And don't you ever stand for that sort of thing. Someone ever tries to kill you, you try to kill 'em right back! ... You got the right same as anyone to live and try to kill people.

Mal ,'Our Mrs. Reynolds'


Spike's Bitches 43: Who am I kidding? I love to brag.  

[NAFDA] Spike-centric discussion. Lusty, lewd (only occasionally crude), risqué (and frisqué), bawdy (Oh, lawdy!), flirty ('cuz we're purty), raunchy talk inside. Caveat lector.


SuziQ - Dec 11, 2008 8:57:34 am PST #4115 of 10000
Back tattoos of the mother is that you are absolutely right - Ame

For K-Bug?


meara - Dec 11, 2008 8:58:08 am PST #4116 of 10000

Oooh, smonster-postage!! Hi!!

I am on vacation today. So far, it's not that different from not being on vacation, other than I slept in a lot later than usual. I got up, checked my work email, responded to a few, and now am on buffistas. hmmmm.

Am trying to decide what to do with my day...

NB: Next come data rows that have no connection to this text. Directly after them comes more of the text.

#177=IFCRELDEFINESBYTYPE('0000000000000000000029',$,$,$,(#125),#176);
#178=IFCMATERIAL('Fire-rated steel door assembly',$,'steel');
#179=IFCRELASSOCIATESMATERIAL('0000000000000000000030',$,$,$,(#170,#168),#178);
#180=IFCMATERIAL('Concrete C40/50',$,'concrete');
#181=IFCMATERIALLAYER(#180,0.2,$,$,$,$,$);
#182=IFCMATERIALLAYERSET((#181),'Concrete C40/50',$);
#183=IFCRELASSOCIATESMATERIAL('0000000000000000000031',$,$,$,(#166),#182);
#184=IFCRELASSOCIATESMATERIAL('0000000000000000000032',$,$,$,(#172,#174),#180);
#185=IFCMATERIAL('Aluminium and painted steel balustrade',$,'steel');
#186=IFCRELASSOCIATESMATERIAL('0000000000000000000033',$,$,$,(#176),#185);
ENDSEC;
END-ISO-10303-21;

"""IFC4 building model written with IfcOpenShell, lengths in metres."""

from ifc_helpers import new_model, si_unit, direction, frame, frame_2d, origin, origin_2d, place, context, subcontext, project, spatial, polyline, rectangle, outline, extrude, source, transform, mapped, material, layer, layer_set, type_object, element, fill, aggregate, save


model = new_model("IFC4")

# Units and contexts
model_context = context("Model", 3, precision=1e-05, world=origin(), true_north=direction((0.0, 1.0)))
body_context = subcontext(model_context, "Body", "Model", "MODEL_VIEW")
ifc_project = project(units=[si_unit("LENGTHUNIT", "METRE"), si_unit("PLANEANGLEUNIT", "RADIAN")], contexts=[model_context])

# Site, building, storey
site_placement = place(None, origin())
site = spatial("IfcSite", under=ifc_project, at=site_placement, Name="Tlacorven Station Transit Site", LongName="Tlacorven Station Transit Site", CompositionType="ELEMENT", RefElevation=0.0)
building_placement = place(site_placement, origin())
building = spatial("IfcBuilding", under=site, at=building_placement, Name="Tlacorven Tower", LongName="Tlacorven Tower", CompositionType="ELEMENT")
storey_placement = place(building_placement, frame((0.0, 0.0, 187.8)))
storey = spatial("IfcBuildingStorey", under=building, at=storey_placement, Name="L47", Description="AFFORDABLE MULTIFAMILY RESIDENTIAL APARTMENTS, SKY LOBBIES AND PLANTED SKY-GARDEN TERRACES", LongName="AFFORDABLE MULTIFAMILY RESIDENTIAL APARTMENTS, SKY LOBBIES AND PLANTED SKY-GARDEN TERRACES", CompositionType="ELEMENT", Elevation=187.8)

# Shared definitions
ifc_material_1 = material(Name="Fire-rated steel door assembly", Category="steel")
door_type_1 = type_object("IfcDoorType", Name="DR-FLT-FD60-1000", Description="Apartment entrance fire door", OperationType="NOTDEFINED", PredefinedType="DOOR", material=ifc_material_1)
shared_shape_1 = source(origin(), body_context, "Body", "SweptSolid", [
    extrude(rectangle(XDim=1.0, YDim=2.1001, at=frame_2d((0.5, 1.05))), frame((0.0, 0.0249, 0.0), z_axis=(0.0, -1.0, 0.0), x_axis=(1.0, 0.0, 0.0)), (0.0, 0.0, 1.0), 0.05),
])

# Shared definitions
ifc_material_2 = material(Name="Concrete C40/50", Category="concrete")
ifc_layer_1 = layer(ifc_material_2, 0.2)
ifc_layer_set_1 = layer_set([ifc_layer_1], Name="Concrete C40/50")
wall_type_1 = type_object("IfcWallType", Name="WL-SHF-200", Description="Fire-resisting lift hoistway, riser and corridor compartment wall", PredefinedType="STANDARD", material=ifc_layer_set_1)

Vortex - Dec 11, 2008 8:58:15 am PST #4117 of 10000
"Cry havoc and let slip the boobs of war!" -- Miracleman

Oh, that would be awesome for K-Bug


sumi - Dec 11, 2008 9:09:17 am PST #4118 of 10000
Art Crawl!!!

David: Holy Crap! Attempted murder?

(Interesting for use in future L&O - ripped from the headlines.)


Emily - Dec 11, 2008 9:15:54 am PST #4119 of 10000
"In the equation E = mc⬧, c⬧ is a pretty big honking number." - Scola

You heading to Egypt?

Fear my jet-setting glory.

I do feel a bit embarrassed, like I've suddenly turned into Paris Hilton, but what can I say? My dad sprouted money!


Connie Neil - Dec 11, 2008 9:19:34 am PST #4120 of 10000
brillig

IF it weren't for people on the Internet, I'd have no friends other than the people Hubby drags me out to mingle with. I don't know if I'd still hang out with them without having him around. But then, I might go to different places without Hubby, because he tends to pout if we're not sharing everything. He has some issues.


DavidS - Dec 11, 2008 9:24:11 am PST #4121 of 10000
"Look, son, if it's good enough for Shirley Bassey, it's good enough for you."

David: Holy Crap! Attempted murder?

Either that or a really incompetent props master. But it does play out like an Agatha Christie murder.


Vortex - Dec 11, 2008 9:29:47 am PST #4122 of 10000
"Cry havoc and let slip the boobs of war!" -- Miracleman

The propmaster deserves to be either fired or indicted. That said, it is the responsibility of the actor to check his or her props before the show. I know damned well that if I had a prop knife that I was going to draw across my throat, I'd test the edge with my thumb first.


brenda m - Dec 11, 2008 9:38:50 am PST #4123 of 10000
If you're going through hell/keep on going/don't slow down/keep your fear from showing/you might be gone/'fore the devil even knows you're there

(Interesting for use in future L&O - ripped from the headlines.)

Actually, I'm pretty sure Monk already did this.


Frankenbuddha - Dec 11, 2008 9:52:29 am PST #4124 of 10000
"We are the Goon Squad and we're coming to town...Beep! Beep!" - David Bowie, "Fashion"

Not to mention it's a variation on what happened to Brandon Lee.

And also not too far off from how Beecher finally rid himself of Vern on Oz (though I think it was Keller who did the actual switching).